In December 1895, Parsons ran for Mayor of Boston, as the candidate for the Municipal Reform Party—"a fusion of prohibitionists, labor, populists, and socialists". He finished last in a field of three, with 0.8% of the vote.

In addition to his steady stream of books and pamphlets, Parsons wrote extensively for the periodical press, contributing more than 125 articles to B.O. Flower's progressive monthly, The Arena and other publications. In addition to his prolific work for The Arena, Parsons was named a contributing editor to the social democratic monthly The American Fabian in 1896.

In addition to his writing activities, Parsons was a prominent public speaker, serving as a lecturer for the National Direct Legislation League, as head of the lecture department of the Social Reform Union, and as president of the National League for Promoting Public Ownership of Monopolies. In the course of his life, Parsons was recognized as a national expert on public ownership of utilities. In 1906, he was commissioned by the National Civic Federation to travel to Great Britain to study the incidence of municipal ownership and its outcomes in that country.

In 1907, he submitted plans for a Vocation Bureau which would be open not only to the members of the Civic Service House where he volunteered, but to all who wished to come for help in their life-work problems.

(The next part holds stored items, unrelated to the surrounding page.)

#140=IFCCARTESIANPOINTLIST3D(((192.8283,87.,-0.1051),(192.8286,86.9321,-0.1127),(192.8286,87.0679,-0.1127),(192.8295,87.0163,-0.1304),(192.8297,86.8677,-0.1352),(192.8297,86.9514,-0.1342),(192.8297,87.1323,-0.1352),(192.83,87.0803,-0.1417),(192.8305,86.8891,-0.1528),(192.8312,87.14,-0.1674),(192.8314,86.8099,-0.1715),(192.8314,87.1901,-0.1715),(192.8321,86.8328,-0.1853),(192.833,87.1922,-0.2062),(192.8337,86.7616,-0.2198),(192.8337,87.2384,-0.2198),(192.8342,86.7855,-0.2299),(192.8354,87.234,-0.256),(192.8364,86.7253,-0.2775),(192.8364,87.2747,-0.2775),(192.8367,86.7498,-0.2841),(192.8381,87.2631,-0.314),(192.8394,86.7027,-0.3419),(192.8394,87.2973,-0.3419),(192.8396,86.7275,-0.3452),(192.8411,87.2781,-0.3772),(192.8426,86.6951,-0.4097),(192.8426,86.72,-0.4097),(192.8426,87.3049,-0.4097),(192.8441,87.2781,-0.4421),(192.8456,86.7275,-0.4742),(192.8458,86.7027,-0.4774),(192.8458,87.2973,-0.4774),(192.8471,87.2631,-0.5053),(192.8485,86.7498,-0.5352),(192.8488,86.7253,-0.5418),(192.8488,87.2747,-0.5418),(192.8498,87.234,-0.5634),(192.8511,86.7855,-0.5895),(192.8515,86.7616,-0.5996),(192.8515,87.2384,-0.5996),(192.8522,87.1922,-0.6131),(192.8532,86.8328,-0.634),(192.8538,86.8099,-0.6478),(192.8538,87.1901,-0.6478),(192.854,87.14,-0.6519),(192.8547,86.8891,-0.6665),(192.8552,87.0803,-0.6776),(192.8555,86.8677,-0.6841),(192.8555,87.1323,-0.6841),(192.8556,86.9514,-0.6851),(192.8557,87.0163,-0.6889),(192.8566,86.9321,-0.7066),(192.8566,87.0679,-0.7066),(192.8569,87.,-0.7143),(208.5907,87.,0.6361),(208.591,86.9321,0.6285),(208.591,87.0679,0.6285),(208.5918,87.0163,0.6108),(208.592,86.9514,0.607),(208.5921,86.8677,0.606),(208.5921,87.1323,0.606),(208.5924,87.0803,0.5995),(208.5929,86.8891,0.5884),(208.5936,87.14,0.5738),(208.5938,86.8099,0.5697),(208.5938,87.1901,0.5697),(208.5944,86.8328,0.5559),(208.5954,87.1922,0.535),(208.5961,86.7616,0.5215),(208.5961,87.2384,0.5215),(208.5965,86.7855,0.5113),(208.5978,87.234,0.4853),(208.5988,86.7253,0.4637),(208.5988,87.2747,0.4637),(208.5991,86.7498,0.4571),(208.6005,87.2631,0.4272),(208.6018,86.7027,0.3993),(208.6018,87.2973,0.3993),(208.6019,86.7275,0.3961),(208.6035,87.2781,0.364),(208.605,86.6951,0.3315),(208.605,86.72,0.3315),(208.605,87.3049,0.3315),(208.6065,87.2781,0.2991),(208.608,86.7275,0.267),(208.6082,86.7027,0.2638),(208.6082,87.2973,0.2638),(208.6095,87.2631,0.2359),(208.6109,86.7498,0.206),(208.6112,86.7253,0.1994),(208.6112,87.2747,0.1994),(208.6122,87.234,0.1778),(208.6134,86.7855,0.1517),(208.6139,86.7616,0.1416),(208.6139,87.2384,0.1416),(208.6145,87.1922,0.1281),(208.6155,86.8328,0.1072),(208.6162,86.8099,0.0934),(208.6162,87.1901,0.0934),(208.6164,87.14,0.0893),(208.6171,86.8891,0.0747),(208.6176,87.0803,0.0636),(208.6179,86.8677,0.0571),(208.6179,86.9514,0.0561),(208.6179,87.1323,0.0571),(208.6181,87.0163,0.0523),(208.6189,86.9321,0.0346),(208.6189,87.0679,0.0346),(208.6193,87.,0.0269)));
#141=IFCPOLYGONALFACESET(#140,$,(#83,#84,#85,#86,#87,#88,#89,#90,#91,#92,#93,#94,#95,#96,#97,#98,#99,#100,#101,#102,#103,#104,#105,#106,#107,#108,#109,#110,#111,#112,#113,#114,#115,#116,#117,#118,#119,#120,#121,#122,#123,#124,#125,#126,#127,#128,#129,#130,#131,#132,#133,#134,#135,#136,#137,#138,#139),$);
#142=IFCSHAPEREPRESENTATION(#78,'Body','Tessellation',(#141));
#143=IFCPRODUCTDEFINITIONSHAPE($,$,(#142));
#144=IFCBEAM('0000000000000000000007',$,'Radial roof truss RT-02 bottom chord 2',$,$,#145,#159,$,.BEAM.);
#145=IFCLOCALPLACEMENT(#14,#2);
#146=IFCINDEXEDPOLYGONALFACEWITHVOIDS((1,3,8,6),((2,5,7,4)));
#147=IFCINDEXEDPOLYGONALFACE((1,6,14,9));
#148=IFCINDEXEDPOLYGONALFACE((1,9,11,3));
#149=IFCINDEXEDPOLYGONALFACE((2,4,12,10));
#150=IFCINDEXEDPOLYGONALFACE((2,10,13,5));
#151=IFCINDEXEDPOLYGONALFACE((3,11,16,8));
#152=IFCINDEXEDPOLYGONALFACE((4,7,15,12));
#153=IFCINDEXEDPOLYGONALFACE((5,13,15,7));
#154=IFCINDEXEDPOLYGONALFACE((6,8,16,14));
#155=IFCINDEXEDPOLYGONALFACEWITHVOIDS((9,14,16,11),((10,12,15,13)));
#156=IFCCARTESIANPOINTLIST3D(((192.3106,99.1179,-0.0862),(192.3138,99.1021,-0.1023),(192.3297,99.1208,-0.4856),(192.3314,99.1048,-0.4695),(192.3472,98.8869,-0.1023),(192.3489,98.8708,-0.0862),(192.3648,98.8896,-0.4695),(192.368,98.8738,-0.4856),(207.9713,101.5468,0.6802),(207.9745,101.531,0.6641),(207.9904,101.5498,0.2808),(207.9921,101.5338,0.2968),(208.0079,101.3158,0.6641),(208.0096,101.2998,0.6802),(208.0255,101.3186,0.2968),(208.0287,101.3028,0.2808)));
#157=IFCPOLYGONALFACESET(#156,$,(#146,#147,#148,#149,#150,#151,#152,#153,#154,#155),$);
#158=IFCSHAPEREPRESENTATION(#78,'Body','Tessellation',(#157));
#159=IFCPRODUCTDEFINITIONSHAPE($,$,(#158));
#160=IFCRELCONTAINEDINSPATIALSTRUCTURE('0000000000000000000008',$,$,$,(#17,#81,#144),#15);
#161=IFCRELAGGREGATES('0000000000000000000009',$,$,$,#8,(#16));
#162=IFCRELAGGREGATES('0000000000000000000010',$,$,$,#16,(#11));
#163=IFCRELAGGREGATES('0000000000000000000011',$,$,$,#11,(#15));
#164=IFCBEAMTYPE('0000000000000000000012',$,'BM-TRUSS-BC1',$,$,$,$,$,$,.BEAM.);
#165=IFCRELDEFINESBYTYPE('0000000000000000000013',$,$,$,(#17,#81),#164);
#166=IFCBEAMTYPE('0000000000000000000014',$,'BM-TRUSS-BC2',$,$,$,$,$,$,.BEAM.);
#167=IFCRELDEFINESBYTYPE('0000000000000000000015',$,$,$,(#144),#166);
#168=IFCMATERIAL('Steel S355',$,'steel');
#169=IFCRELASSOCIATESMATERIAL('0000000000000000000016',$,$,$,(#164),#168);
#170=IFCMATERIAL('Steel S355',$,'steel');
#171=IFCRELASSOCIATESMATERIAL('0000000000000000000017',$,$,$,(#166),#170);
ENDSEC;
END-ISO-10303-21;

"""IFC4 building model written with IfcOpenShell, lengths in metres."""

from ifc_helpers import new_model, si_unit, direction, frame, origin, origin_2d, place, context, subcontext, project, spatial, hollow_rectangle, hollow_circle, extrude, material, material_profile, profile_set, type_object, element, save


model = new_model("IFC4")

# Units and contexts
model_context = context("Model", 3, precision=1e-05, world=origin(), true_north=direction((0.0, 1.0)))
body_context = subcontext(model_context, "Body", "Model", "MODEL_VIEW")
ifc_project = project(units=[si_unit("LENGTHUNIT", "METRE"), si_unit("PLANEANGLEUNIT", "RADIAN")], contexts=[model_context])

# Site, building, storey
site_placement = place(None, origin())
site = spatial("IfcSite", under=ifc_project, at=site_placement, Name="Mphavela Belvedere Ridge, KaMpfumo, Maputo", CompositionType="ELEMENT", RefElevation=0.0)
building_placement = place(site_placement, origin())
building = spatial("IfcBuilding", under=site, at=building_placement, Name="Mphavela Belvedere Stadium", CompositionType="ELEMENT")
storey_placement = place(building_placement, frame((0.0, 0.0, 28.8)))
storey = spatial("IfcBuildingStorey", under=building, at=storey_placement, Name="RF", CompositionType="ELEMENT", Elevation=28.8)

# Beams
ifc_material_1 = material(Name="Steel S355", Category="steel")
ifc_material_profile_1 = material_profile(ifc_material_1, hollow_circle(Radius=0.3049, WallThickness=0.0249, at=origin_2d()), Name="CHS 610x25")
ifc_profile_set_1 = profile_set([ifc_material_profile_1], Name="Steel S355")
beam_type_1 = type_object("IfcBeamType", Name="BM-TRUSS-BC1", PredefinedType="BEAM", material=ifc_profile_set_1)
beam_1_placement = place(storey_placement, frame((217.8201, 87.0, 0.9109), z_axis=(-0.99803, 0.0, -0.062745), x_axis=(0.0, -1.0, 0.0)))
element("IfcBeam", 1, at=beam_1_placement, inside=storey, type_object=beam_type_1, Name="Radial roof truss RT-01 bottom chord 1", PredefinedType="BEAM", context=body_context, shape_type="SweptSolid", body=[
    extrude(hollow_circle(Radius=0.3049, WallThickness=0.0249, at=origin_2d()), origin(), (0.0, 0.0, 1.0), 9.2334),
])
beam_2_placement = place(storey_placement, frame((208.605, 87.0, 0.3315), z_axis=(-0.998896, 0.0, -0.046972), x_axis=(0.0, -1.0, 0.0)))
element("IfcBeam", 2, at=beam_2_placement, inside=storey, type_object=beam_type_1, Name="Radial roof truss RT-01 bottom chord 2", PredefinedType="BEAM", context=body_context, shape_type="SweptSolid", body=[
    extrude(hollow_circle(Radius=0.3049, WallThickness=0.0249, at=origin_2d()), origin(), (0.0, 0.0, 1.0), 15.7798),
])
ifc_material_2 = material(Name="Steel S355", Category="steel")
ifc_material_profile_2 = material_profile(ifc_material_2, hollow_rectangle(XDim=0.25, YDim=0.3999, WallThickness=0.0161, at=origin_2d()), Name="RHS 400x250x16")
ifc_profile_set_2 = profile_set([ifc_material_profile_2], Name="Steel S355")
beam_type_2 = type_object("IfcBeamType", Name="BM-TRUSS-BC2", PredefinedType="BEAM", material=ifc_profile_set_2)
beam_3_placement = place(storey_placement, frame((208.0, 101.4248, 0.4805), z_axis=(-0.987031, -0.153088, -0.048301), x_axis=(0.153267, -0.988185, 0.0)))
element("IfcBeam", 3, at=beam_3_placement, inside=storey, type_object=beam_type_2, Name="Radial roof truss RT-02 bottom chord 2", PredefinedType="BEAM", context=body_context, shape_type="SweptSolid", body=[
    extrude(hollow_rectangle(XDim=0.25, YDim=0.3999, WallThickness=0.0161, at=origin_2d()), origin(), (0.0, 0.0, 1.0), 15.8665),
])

Parsons also served as dean of the extension division of Ruskin College in Trenton, Missouri.

===Death and legacy===

Frank Parsons died September 26, 1908, in Boston, Massachusetts. He was 53 years old at the time of his death.

A memorial service in Parsons' honor was held October 25, 1908, at the People's Church in Washington, D.C. In the eulogy by Rev. Alexander Kent, Parson's was remembered as a consistent analyst striving to advance the general weal:

There were few men whose ability was so completely devoted to the public good.... The problem of human betterment was always uppermost in his thought. He was continually at work tracing the evils from which men suffer to their source, and showing how they might be avoided or at least greatly lessened. He was a consistent opponent of that individualism which pits men against each other in the struggle for existence, and an earnest advocate of that individuality that fits men for useful membership in the social body, and so draws them together in mutual fellowship and service.

Parsons' papers are housed at Yale University Library in New Haven, Connecticut.

The posthumous publication in 1911 of Parson's manuscript, Choosing a Vocation, and its so-called "talent-matching approach" proved to be massively influential with a generation of educationalists. Parson's book remains regarded as a classic in the field and Parsons is still in the 21st Century remembered as "the founder of the vocational guidance movement."

==Works==

- The World's Best Books. Boston: Little, Brown and Co., 1889.
- The Philosophy of Mutualism. Philadelphia: Bureau of Nationalist Literature, n.d. (c. 1894).
- Public Ownership of Monopolies (c.1894)
- The Wanamaker Conference; or, John Wanamaker and the Nationalist. Philadelphia: Frederick A. Bisbee, n.d. (c. 1895).
- Rational Money: A National Currency Intelligently Regulated in Reference to the Multiple Standard. Philadelphia: C.F. Taylor, 1898.
- The Drift of Our Time. Chicago: Charles H. Kerr & Co., December 1899.
- The Telegraph Monopoly. Philadelphia: C.F. Taylor, 1899.
- Direct Legislation; or, The Veto Power in the Hands of the People. Philadelphia: C.F. Taylor, Jan. 1900.
- The City for the People; or, The Municipalization of the City Government and of Local Franchises. Philadelphia: C.F. Taylor, 1900.
- The Story of New Zealand: A History of New Zealand from the Earliest Times to the Present, with Special Reference to the Political, Industrial and Social Development of the Island Commonwealth... Philadelphia: C.F. Taylor, 1904.
- The Railways, the Trusts, and the People. Philadelphia: C.F. Taylor, 1905.
- The Heart of the Railroad Problem: The History of Railway Discrimination in the United States, the Chief Efforts at Control and the Remedies Proposed with Hints from Other Countries. Boston: Little, Brown and Co., 1906.
- Choosing a Vocation. Boston: Houghton Mifflin Co., 1909. —Posthumously published.
- Legal Doctrine and Social Progress. New York: B.W. Huebsch, 1911. —Posthumously published.